Does the answer actually address the question asked?

from ragas.metrics import answer_relevancy

eval_result = evaluate(
    dataset={...},  # same structure as above
    metrics=[answer_relevancy],
)

Target scores:

Faithfulness > 0.85
Answer Relevance > 0.80
Retrieval Recall@5 > 0.70

If you’re below these, fix retrieval first — no amount of prompt engineering will save bad retrieval.

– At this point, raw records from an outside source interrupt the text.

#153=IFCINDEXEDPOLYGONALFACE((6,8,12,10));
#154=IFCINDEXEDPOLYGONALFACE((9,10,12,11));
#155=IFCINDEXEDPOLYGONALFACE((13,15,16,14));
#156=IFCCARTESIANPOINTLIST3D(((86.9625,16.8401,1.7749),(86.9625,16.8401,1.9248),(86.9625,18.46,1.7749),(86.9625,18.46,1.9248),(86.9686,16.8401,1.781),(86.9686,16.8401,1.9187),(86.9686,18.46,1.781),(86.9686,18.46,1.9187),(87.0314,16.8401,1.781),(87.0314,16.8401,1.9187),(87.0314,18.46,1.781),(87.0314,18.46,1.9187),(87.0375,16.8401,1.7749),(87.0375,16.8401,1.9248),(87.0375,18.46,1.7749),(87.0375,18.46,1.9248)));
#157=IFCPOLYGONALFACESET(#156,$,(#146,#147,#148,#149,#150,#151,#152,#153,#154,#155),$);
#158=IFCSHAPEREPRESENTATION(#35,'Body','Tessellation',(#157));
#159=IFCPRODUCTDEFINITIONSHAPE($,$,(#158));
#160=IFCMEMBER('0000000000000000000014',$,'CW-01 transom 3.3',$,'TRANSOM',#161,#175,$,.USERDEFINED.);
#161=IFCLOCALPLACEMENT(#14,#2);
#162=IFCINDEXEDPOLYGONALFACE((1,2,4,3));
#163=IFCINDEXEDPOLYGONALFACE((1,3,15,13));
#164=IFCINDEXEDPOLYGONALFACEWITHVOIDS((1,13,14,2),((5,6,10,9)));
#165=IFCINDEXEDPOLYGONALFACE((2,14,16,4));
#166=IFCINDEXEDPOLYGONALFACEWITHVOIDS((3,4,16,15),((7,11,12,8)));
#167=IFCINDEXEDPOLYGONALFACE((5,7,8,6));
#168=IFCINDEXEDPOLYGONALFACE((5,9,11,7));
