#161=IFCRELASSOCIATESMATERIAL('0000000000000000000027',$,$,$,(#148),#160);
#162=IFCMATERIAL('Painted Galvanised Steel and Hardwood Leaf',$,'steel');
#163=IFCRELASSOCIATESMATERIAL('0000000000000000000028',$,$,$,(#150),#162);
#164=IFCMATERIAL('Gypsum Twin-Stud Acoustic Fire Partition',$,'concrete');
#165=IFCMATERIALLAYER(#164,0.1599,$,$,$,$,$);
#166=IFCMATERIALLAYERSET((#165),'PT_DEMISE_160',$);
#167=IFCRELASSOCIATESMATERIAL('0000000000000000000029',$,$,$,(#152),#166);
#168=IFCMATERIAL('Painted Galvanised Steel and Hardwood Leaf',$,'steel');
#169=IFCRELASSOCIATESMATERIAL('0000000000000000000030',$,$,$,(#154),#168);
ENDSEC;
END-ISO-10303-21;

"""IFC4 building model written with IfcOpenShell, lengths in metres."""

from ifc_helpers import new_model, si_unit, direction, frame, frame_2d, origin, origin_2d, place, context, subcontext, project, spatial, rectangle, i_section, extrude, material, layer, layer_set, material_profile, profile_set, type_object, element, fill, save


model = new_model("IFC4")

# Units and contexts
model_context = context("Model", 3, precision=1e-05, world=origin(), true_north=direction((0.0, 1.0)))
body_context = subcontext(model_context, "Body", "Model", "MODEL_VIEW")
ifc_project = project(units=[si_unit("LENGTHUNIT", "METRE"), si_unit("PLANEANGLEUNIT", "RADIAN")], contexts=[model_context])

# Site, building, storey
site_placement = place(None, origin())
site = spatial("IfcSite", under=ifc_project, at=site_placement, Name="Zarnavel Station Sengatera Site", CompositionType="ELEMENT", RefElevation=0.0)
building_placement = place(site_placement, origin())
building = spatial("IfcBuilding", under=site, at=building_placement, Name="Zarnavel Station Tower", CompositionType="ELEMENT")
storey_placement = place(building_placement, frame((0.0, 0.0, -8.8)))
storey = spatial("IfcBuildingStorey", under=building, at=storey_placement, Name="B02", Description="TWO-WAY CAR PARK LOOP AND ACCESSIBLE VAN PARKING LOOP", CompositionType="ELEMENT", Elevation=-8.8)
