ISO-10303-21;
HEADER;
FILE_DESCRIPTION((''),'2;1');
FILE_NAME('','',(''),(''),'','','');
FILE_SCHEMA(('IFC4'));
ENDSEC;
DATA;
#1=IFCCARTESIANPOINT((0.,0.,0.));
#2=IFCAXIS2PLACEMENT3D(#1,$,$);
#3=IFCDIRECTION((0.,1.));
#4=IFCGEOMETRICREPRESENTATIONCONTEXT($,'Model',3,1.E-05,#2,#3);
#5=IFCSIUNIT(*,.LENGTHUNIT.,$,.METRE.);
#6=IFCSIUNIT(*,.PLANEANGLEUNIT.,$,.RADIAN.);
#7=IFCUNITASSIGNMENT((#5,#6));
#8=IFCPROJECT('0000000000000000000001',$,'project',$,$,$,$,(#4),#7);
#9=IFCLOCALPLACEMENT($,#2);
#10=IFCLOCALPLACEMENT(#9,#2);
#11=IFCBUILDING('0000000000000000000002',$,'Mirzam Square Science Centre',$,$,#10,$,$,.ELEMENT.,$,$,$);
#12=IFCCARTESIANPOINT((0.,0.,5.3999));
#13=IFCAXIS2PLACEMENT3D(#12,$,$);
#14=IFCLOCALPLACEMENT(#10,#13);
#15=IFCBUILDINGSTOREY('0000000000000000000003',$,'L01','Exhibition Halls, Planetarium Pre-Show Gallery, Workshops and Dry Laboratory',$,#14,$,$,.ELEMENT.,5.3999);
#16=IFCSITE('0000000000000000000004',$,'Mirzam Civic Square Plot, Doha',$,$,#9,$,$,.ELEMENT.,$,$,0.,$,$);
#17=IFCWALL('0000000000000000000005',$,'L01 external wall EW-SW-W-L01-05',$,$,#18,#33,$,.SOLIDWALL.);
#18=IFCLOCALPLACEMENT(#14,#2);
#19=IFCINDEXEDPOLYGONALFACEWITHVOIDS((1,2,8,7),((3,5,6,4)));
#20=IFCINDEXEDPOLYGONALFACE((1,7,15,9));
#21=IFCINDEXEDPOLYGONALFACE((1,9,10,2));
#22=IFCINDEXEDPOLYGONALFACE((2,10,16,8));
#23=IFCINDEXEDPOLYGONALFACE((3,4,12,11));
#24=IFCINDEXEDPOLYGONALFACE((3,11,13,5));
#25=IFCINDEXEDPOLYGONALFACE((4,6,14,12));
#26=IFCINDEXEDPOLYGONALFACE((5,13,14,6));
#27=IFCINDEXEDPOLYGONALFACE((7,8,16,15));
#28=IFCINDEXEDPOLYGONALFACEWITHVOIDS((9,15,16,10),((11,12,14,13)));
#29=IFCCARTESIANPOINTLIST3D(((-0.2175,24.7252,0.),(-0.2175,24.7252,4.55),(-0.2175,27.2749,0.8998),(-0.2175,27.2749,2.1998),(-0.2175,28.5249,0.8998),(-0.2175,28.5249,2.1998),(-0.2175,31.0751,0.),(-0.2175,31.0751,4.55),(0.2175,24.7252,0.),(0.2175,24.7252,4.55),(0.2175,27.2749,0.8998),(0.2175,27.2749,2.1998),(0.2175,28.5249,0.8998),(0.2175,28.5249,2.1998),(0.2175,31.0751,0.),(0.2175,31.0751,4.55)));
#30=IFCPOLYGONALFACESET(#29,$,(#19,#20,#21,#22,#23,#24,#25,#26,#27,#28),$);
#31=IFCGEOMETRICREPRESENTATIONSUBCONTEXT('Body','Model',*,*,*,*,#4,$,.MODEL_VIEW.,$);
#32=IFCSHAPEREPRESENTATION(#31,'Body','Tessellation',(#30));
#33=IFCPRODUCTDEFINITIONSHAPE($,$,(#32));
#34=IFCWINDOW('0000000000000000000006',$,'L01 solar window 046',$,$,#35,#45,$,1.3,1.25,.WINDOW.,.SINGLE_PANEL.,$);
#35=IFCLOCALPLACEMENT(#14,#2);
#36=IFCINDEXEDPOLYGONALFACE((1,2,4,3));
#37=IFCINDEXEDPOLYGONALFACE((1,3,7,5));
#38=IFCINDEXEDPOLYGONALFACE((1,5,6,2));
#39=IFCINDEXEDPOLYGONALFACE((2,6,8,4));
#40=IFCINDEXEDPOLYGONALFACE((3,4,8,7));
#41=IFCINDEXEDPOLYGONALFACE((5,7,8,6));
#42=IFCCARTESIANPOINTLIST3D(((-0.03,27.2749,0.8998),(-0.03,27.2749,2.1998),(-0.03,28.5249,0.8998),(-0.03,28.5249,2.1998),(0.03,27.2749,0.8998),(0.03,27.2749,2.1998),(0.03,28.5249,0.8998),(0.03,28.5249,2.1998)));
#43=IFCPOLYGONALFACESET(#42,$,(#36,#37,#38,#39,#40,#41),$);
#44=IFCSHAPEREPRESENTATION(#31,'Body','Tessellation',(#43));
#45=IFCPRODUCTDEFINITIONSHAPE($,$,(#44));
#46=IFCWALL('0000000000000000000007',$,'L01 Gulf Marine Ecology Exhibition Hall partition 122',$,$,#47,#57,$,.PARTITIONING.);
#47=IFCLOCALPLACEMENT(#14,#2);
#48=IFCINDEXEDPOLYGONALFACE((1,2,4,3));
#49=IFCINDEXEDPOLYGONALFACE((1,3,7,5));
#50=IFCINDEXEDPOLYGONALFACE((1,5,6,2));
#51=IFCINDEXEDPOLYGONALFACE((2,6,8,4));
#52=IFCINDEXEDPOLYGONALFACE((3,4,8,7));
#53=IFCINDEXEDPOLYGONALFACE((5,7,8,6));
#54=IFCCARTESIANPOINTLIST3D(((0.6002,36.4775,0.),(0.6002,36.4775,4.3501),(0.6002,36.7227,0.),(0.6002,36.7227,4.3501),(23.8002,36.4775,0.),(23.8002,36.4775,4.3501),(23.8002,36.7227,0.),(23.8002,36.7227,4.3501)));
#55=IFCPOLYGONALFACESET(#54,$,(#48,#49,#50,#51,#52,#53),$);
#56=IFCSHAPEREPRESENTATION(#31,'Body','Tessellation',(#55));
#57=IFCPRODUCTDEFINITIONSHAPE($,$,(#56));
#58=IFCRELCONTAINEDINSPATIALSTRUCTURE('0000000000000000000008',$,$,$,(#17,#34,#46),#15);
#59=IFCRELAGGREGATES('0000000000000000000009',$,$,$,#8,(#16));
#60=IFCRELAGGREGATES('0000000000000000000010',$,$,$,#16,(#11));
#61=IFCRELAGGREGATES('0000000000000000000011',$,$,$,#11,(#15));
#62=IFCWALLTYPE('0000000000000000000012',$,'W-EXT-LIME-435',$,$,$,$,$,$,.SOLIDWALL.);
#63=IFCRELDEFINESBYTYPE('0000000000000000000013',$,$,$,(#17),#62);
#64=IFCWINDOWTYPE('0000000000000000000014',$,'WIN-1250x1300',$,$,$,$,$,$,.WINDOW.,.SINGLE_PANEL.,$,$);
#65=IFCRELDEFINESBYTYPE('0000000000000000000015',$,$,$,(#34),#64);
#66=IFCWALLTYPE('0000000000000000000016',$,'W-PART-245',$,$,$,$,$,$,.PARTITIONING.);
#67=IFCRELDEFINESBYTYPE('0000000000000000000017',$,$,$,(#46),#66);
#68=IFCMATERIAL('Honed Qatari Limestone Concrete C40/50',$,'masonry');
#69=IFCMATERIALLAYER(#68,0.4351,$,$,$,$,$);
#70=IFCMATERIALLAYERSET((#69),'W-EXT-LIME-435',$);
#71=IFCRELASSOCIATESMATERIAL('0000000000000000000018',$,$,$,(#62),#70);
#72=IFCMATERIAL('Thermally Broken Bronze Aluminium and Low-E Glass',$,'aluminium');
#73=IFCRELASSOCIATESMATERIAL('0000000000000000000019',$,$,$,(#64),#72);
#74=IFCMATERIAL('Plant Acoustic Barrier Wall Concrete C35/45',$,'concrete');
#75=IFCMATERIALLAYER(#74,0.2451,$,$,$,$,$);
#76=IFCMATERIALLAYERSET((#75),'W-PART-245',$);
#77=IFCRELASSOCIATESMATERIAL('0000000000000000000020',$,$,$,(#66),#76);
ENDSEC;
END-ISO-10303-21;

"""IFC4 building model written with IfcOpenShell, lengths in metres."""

from ifc_helpers import new_model, si_unit, direction, frame, frame_2d, origin, place, context, subcontext, project, spatial, rectangle, extrude, material, layer, layer_set, type_object, element, fill, save


model = new_model("IFC4")

# Units and contexts
model_context = context("Model", 3, precision=1e-05, world=origin(), true_north=direction((0.0, 1.0)))
body_context = subcontext(model_context, "Body", "Model", "MODEL_VIEW")
ifc_project = project(units=[si_unit("LENGTHUNIT", "METRE"), si_unit("PLANEANGLEUNIT", "RADIAN")], contexts=[model_context])

# Site, building, storey
site_placement = place(None, origin())
site = spatial("IfcSite", under=ifc_project, at=site_placement, Name="Mirzam Civic Square Plot, Doha", CompositionType="ELEMENT", RefElevation=0.0)
building_placement = place(site_placement, origin())
building = spatial("IfcBuilding", under=site, at=building_placement, Name="Mirzam Square Science Centre", CompositionType="ELEMENT")
storey_placement = place(building_placement, frame((0.0, 0.0, 5.3999)))
storey = spatial("IfcBuildingStorey", under=building, at=storey_placement, Name="L01", Description="Exhibition Halls, Planetarium Pre-Show Gallery, Workshops and Dry Laboratory", CompositionType="ELEMENT", Elevation=5.3999)

# Wall, opening, window
ifc_material_1 = material(Name="Honed Qatari Limestone Concrete C40/50", Category="masonry")
ifc_layer_1 = layer(ifc_material_1, 0.4351)
ifc_layer_set_1 = layer_set([ifc_layer_1], Name="W-EXT-LIME-435")
wall_type_1 = type_object("IfcWallType", Name="W-EXT-LIME-435", PredefinedType="SOLIDWALL", material=ifc_layer_set_1)
ifc_material_2 = material(Name="Thermally Broken Bronze Aluminium and Low-E Glass", Category="aluminium")
wall_1_placement = place(storey_placement, frame((0.0, 31.075, 0.0), z_axis=(0.0, 0.0, 1.0), x_axis=(0.0, -1.0, 0.0)))
wall_1 = element("IfcWall", 1, at=wall_1_placement, inside=storey, type_object=wall_type_1, Name="L01 external wall EW-SW-W-L01-05", PredefinedType="SOLIDWALL", context=body_context, shape_type="SweptSolid", body=[
    extrude(rectangle(XDim=6.3499, YDim=0.4351, at=frame_2d((3.1748, 0.0))), origin(), (0.0, 0.0, 1.0), 4.55),
])
opening_1_placement = place(wall_1_placement, frame((2.55, 0.0, 0.8999)))
opening_1 = element("IfcOpeningElement", 2, at=opening_1_placement, cuts=wall_1, PredefinedType="OPENING", context=body_context, shape_type="SweptSolid", body=[
    extrude(rectangle(XDim=1.25, YDim=1.3, at=frame_2d((0.625, 0.6499))), frame((0.0, 0.2275, 0.0), z_axis=(0.0, -1.0, 0.0), x_axis=(1.0, 0.0, 0.0)), (0.0, 0.0, 1.0), 0.4551),
])
window_type_1 = type_object("IfcWindowType", Name="WIN-1250x1300", PartitioningType="SINGLE_PANEL", PredefinedType="WINDOW", material=ifc_material_2)
window_1_placement = place(opening_1_placement, origin())
window_1 = element("IfcWindow", 3, at=window_1_placement, inside=storey, type_object=window_type_1, Name="L01 solar window 046", OverallHeight=1.3, OverallWidth=1.25, PartitioningType="SINGLE_PANEL", PredefinedType="WINDOW", context=body_context, shape_type="SweptSolid", body=[
    extrude(rectangle(XDim=1.25, YDim=1.3, at=frame_2d((0.625, 0.6499))), frame((0.0, 0.03, 0.0), z_axis=(0.0, -1.0, 0.0), x_axis=(1.0, 0.0, 0.0)), (0.0, 0.0, 1.0), 0.0601),
])
fill(opening_1, window_1)

# Wall
ifc_material_3 = material(Name="Plant Acoustic Barrier Wall Concrete C35/45", Category="concrete")
ifc_layer_2 = layer(ifc_material_3, 0.2451)
ifc_layer_set_2 = layer_set([ifc_layer_2], Name="W-PART-245")
wall_type_2 = type_object("IfcWallType", Name="W-PART-245", PredefinedType="PARTITIONING", material=ifc_layer_set_2)
wall_2_placement = place(storey_placement, frame((0.6001, 36.6001, 0.0), z_axis=(0.0, 0.0, 1.0), x_axis=(1.0, 0.0, 0.0)))
element("IfcWall", 4, at=wall_2_placement, inside=storey, type_object=wall_type_2, Name="L01 Gulf Marine Ecology Exhibition Hall partition 122", PredefinedType="PARTITIONING", context=body_context, shape_type="SweptSolid", body=[
    extrude(rectangle(XDim=23.2, YDim=0.2451, at=frame_2d((11.6001, 0.0))), origin(), (0.0, 0.0, 1.0), 4.3501),
])

save(model, "model.ifc")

Common Pitfalls and How to Fix Them

Problem	Symptom	Fix
Chunks too large	Answers include irrelevant info	Reduce chunk_size to 400-600
Chunks too small	Answers lack context	Increase chunk_size to 800-1000
Wrong chunks retrieved	Answer is off-topic	Try re-ranking, multi-query, or semantic chunking
LLM hallucinating	Makes up facts not in context	Strengthen system prompt, lower temperature
Duplicate results	Same info repeated in context	Use MMR instead of similarity search
Slow responses	> 3s latency	Cache embeddings, use smaller LLM for retrieval, stream responses

What’s Next

This pipeline handles 80% of RAG use cases. For the remaining 20%:

Agentic RAG — Let the LLM decide when and what to retrieve, using tool calling
Graph RAG — Build a knowledge graph from your documents for multi-hop reasoning
Hybrid search — Combine vector similarity with BM25 keyword search for better recall
Query routing — Route different question types to different retrieval strategies
Conversation memory — Maintain context across multi-turn conversations

The core pattern stays the same: retrieve relevant context, ground the LLM’s response, evaluate, iterate.

Start with the simple pipeline above. Measure where it breaks. Fix that specific failure mode. That’s how production RAG systems are built — one measured improvement at a time.